The hypothallus is produced by the plasmodium at the beginning of fructification. Depending on the species, it can be membranous to thick or tender to solid and nearly transparent to brightly coloured. It may surround an individual fruit body, or may form a contiguous connection between multiple fruit bodies. In some rare cases it is missing entirely.

In crustose lichens, the hypothallus is the blackish lower layer of the thallus that produces rhizines, which are holdfasts that attach the lichen to its substrate.
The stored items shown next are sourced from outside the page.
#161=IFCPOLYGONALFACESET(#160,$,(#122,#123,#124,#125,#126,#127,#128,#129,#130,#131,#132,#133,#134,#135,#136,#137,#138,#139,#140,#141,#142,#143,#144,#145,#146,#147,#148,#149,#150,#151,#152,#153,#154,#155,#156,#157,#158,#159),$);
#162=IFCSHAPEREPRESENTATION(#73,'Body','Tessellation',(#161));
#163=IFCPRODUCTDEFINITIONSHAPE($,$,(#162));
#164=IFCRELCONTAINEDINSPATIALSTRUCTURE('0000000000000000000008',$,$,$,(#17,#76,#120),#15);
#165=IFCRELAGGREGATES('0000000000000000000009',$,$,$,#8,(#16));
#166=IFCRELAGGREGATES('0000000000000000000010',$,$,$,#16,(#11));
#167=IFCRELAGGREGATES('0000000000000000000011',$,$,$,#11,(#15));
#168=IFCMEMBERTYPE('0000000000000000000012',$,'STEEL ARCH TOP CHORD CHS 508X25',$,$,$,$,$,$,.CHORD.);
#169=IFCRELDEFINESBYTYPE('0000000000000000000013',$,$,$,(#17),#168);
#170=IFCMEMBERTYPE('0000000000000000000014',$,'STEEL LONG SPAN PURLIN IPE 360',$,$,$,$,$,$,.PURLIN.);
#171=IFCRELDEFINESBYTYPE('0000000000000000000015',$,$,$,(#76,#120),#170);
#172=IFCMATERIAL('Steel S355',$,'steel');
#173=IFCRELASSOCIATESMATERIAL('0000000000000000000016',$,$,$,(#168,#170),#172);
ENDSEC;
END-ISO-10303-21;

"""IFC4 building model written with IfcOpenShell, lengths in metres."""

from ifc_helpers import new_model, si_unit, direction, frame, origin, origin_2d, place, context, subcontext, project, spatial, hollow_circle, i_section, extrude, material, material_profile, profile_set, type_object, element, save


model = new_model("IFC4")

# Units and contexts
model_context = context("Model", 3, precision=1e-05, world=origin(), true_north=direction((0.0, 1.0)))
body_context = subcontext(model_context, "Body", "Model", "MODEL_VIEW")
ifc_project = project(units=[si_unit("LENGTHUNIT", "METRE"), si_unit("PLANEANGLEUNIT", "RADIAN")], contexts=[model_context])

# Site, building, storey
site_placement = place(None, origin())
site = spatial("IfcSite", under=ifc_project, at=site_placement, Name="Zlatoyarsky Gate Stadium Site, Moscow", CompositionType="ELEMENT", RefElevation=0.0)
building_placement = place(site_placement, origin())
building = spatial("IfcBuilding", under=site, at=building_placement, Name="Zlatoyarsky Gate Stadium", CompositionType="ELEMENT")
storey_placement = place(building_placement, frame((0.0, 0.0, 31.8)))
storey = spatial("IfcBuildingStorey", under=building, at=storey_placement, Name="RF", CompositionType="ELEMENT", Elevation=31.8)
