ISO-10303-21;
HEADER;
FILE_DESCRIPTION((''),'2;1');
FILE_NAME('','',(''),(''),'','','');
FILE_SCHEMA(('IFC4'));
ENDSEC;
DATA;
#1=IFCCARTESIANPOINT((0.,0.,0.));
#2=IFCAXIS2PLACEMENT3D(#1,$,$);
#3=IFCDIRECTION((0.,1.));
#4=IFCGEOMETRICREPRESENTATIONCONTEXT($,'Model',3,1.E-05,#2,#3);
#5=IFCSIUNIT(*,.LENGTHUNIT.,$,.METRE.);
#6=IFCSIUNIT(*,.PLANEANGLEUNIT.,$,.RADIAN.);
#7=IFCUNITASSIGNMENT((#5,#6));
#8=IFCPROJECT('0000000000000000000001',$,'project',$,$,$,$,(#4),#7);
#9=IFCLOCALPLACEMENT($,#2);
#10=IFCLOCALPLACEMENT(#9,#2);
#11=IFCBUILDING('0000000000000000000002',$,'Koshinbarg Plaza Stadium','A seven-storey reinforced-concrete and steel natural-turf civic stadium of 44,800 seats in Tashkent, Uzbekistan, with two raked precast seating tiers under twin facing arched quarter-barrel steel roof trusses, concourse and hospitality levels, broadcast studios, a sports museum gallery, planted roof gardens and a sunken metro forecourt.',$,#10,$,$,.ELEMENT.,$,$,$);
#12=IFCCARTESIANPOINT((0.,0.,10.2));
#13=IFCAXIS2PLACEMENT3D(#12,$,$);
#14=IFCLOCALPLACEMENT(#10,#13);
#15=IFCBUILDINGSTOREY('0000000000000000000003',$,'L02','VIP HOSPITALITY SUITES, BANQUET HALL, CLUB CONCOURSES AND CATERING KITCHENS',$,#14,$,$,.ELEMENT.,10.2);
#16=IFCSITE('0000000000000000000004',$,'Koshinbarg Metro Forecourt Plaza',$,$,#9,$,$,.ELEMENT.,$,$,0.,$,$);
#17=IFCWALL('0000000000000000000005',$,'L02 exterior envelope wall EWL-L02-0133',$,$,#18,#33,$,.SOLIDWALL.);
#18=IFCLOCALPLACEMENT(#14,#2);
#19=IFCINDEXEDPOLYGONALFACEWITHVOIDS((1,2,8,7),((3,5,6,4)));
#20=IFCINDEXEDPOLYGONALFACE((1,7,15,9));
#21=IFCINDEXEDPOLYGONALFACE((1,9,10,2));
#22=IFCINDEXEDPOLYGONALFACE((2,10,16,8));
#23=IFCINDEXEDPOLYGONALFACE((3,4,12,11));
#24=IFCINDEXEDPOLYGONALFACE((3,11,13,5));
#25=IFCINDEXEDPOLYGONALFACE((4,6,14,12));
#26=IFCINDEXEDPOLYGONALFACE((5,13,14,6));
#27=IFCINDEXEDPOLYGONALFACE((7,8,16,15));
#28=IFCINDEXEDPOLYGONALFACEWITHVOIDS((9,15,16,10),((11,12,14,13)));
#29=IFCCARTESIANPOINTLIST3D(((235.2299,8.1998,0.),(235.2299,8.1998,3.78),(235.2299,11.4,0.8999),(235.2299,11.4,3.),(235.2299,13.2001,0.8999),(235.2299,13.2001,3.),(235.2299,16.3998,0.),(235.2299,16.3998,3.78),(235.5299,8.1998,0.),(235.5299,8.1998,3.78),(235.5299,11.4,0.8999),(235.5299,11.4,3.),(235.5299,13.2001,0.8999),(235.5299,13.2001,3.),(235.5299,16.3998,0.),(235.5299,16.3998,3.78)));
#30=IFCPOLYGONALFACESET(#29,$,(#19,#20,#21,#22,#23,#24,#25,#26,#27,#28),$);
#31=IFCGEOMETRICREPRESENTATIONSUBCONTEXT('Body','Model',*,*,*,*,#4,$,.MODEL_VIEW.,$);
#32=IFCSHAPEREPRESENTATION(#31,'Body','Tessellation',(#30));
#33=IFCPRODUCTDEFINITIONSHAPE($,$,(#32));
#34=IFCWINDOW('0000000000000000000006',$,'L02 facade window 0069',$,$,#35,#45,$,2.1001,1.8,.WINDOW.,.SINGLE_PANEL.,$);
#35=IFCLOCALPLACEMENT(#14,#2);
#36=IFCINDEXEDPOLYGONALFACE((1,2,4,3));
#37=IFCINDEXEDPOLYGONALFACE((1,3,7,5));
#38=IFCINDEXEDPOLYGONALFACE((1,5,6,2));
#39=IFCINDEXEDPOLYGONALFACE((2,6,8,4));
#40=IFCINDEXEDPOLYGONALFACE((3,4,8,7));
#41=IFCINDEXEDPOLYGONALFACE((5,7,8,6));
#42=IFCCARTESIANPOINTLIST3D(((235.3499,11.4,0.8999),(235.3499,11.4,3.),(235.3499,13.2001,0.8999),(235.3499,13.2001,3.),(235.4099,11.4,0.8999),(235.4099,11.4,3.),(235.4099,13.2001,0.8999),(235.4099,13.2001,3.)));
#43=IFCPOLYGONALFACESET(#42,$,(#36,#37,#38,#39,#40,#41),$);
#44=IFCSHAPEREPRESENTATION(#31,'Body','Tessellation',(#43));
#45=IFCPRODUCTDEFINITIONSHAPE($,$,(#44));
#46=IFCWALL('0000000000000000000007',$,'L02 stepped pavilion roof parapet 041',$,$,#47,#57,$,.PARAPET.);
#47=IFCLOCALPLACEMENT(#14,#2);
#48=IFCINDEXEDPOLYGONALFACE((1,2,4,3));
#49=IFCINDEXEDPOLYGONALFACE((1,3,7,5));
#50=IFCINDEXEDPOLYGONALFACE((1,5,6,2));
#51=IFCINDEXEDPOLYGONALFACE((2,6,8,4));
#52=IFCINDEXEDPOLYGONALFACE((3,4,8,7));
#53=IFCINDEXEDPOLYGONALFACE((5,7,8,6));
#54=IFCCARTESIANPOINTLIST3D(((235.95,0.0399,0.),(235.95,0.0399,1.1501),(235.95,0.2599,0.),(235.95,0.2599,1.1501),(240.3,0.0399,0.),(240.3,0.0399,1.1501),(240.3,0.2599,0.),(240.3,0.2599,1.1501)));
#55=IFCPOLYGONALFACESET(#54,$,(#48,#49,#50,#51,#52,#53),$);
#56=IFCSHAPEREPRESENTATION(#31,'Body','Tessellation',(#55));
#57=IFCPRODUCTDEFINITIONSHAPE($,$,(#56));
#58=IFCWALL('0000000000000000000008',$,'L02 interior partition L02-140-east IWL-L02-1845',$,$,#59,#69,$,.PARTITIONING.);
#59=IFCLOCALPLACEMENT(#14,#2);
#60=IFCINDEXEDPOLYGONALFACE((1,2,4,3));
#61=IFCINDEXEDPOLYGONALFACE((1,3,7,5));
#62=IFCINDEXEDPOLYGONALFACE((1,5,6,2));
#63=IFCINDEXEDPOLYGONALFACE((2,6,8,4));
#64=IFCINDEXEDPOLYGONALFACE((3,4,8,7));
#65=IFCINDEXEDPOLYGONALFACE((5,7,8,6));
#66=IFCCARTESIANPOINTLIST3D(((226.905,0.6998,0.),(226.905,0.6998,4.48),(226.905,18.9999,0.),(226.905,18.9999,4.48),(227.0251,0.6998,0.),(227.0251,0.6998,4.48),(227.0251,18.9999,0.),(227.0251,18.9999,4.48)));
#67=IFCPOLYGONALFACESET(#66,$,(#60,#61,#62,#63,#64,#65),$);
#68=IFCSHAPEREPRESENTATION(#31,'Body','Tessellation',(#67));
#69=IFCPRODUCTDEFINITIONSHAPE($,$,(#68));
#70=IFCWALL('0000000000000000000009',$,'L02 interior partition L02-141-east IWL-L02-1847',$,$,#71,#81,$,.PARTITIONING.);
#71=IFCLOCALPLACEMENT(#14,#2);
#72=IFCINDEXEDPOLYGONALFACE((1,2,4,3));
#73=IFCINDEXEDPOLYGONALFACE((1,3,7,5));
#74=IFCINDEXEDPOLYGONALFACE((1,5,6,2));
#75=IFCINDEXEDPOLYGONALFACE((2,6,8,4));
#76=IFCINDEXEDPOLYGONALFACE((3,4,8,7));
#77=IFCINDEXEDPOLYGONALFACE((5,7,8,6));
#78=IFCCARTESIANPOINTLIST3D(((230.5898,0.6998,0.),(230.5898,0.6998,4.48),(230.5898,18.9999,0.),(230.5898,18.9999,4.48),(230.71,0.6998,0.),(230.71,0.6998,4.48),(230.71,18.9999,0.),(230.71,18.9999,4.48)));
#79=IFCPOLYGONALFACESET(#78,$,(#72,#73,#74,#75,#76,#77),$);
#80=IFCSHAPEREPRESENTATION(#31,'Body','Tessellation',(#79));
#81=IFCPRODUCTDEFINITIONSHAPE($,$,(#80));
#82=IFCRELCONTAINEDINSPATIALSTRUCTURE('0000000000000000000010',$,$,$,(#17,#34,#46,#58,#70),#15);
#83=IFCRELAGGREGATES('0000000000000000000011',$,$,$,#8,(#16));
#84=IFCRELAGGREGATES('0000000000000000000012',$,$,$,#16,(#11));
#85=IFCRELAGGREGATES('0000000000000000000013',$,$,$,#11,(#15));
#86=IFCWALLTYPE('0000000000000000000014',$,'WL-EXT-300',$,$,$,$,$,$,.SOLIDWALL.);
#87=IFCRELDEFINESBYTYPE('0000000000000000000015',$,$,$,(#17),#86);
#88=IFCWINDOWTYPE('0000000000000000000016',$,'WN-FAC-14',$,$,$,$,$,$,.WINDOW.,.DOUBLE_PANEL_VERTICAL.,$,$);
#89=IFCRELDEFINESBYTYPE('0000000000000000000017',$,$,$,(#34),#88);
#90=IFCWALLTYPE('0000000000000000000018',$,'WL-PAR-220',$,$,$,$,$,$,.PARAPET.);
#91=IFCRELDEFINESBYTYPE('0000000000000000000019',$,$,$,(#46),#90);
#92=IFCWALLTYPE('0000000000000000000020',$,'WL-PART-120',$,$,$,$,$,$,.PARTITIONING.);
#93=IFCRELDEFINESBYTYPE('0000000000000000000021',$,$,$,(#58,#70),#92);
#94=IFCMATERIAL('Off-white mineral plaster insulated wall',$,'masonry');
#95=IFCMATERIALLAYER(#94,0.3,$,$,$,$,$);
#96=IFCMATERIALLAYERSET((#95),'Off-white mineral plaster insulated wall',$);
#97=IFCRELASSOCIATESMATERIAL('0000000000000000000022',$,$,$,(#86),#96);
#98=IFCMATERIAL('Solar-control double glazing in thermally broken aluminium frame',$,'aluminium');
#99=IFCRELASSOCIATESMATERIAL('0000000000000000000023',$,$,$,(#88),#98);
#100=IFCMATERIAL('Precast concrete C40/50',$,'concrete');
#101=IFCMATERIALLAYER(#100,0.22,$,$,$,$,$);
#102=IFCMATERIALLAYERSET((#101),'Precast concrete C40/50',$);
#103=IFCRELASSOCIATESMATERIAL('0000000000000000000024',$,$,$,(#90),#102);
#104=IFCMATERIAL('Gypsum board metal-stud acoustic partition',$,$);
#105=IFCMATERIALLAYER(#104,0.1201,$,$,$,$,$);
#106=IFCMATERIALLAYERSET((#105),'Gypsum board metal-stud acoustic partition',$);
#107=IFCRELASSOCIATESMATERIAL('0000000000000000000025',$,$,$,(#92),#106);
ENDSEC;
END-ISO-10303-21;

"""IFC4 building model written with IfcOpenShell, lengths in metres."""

from ifc_helpers import new_model, si_unit, direction, frame, frame_2d, origin, place, context, subcontext, project, spatial, rectangle, extrude, material, layer, layer_set, type_object, element, fill, save


model = new_model("IFC4")

# Units and contexts
model_context = context("Model", 3, precision=1e-05, world=origin(), true_north=direction((0.0, 1.0)))
body_context = subcontext(model_context, "Body", "Model", "MODEL_VIEW")
ifc_project = project(units=[si_unit("LENGTHUNIT", "METRE"), si_unit("PLANEANGLEUNIT", "RADIAN")], contexts=[model_context])

# Site, building, storey
site_placement = place(None, origin())
site = spatial("IfcSite", under=ifc_project, at=site_placement, Name="Koshinbarg Metro Forecourt Plaza", CompositionType="ELEMENT", RefElevation=0.0)
building_placement = place(site_placement, origin())
building = spatial("IfcBuilding", under=site, at=building_placement, Name="Koshinbarg Plaza Stadium", Description="A seven-storey reinforced-concrete and steel natural-turf civic stadium of 44,800 seats in Tashkent, Uzbekistan, with two raked precast seating tiers under twin facing arched quarter-barrel steel roof trusses, concourse and hospitality levels, broadcast studios, a sports museum gallery, planted roof gardens and a sunken metro forecourt.", CompositionType="ELEMENT")
storey_placement = place(building_placement, frame((0.0, 0.0, 10.2)))
storey = spatial("IfcBuildingStorey", under=building, at=storey_placement, Name="L02", Description="VIP HOSPITALITY SUITES, BANQUET HALL, CLUB CONCOURSES AND CATERING KITCHENS", CompositionType="ELEMENT", Elevation=10.2)

# Wall, opening, window
ifc_material_1 = material(Name="Off-white mineral plaster insulated wall", Category="masonry")
ifc_layer_1 = layer(ifc_material_1, 0.3)
ifc_layer_set_1 = layer_set([ifc_layer_1], Name="Off-white mineral plaster insulated wall")
wall_type_1 = type_object("IfcWallType", Name="WL-EXT-300", PredefinedType="SOLIDWALL", material=ifc_layer_set_1)
wall_1_placement = place(storey_placement, frame((235.3799, 16.3999, 0.0), z_axis=(0.0, 0.0, 1.0), x_axis=(0.0, -1.0, 0.0)))
wall_1 = element("IfcWall", 1, at=wall_1_placement, inside=storey, type_object=wall_type_1, Name="L02 exterior envelope wall EWL-L02-0133", PredefinedType="SOLIDWALL", context=body_context, shape_type="SweptSolid", body=[
    extrude(rectangle(XDim=8.2, YDim=0.3, at=frame_2d((4.1001, 0.0))), origin(), (0.0, 0.0, 1.0), 3.78),
])
opening_placement = place(wall_1_placement, frame((3.2, 0.0, 0.8999)))
opening = element("IfcOpeningElement", 2, at=opening_placement, cuts=wall_1, PredefinedType="OPENING", context=body_context, shape_type="SweptSolid", body=[
    extrude(rectangle(XDim=1.8, YDim=2.1001, at=frame_2d((0.8999, 1.05))), frame((0.0, 0.1599, 0.0), z_axis=(0.0, -1.0, 0.0), x_axis=(1.0, 0.0, 0.0)), (0.0, 0.0, 1.0), 0.3201),
])
ifc_material_2 = material(Name="Solar-control double glazing in thermally broken aluminium frame", Category="aluminium")
window_type = type_object("IfcWindowType", Name="WN-FAC-14", PartitioningType="DOUBLE_PANEL_VERTICAL", PredefinedType="WINDOW", material=ifc_material_2)
window_placement = place(opening_placement, origin())
window = element("IfcWindow", 3, at=window_placement, inside=storey, type_object=window_type, Name="L02 facade window 0069", OverallHeight=2.1001, OverallWidth=1.8, PartitioningType="SINGLE_PANEL", PredefinedType="WINDOW", context=body_context, shape_type="SweptSolid", body=[
    extrude(rectangle(XDim=1.8, YDim=2.1001, at=frame_2d((0.8999, 1.05))), frame((0.0, 0.03, 0.0), z_axis=(0.0, -1.0, 0.0), x_axis=(1.0, 0.0, 0.0)), (0.0, 0.0, 1.0), 0.0601),
])
fill(opening, window)

# Walls
ifc_material_3 = material(Name="Precast concrete C40/50", Category="concrete")
ifc_layer_2 = layer(ifc_material_3, 0.22)
ifc_layer_set_2 = layer_set([ifc_layer_2], Name="Precast concrete C40/50")
wall_type_2 = type_object("IfcWallType", Name="WL-PAR-220", PredefinedType="PARAPET", material=ifc_layer_set_2)
wall_2_placement = place(storey_placement, frame((240.3, 0.1499, 0.0), z_axis=(0.0, 0.0, 1.0), x_axis=(-1.0, 0.0, 0.0)))
element("IfcWall", 4, at=wall_2_placement, inside=storey, type_object=wall_type_2, Name="L02 stepped pavilion roof parapet 041", PredefinedType="PARAPET", context=body_context, shape_type="SweptSolid", body=[
    extrude(rectangle(XDim=4.3501, YDim=0.22, at=frame_2d((2.175, 0.0))), origin(), (0.0, 0.0, 1.0), 1.1501),
])
ifc_material_4 = material(Name="Gypsum board metal-stud acoustic partition")
ifc_layer_3 = layer(ifc_material_4, 0.1201)
ifc_layer_set_3 = layer_set([ifc_layer_3], Name="Gypsum board metal-stud acoustic partition")
wall_type_3 = type_object("IfcWallType", Name="WL-PART-120", PredefinedType="PARTITIONING", material=ifc_layer_set_3)
for number, where, z_axis, x_axis, name in (
    (5, (226.9651, 0.7, 0.0), (0.0, 0.0, 1.0), (0.0, 1.0, 0.0), "L02 interior partition L02-140-east IWL-L02-1845"),
    (6, (230.6499, 0.7, 0.0), (0.0, 0.0, 1.0), (0.0, 1.0, 0.0), "L02 interior partition L02-141-east IWL-L02-1847"),
):
    element("IfcWall", number, at=place(storey_placement, frame(where, z_axis=z_axis, x_axis=x_axis)), inside=storey, type_object=wall_type_3, Name=name, PredefinedType="PARTITIONING", context=body_context, shape_type="SweptSolid", body=[
        extrude(rectangle(XDim=18.3, YDim=0.1201, at=frame_2d((9.1499, 0.0))), origin(), (0.0, 0.0, 1.0), 4.48),
    ])

save(model, "model.ifc")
In some taxa the hypothallus may be involved in the formation of the fruit body. In the "epihypothallic" Stemonitida, the hypothallus forms hollow, tubular stems and a columella, up which the remaining plasmodium then rises, producing the spores. In all other myxogastria "subhypothallic" development takes place. Here, the hypothallus produces a layer on the plasmodium, which creates the rooms of the single fruit bodies during fructification. As the surrounding plasmodium flows in the fruit body, the hypothallus will lie directly on the substrate, shrinking and creating the edge of the mature fruit body. Here, the hypothallus is part of a morphological unit with peridium and stem, which serves as a membranous surface of the whole structure with the spores. Epihypothaly is an autapomorphy of the stemonitida and is, in comparison to subhypothaly, a primitive feature.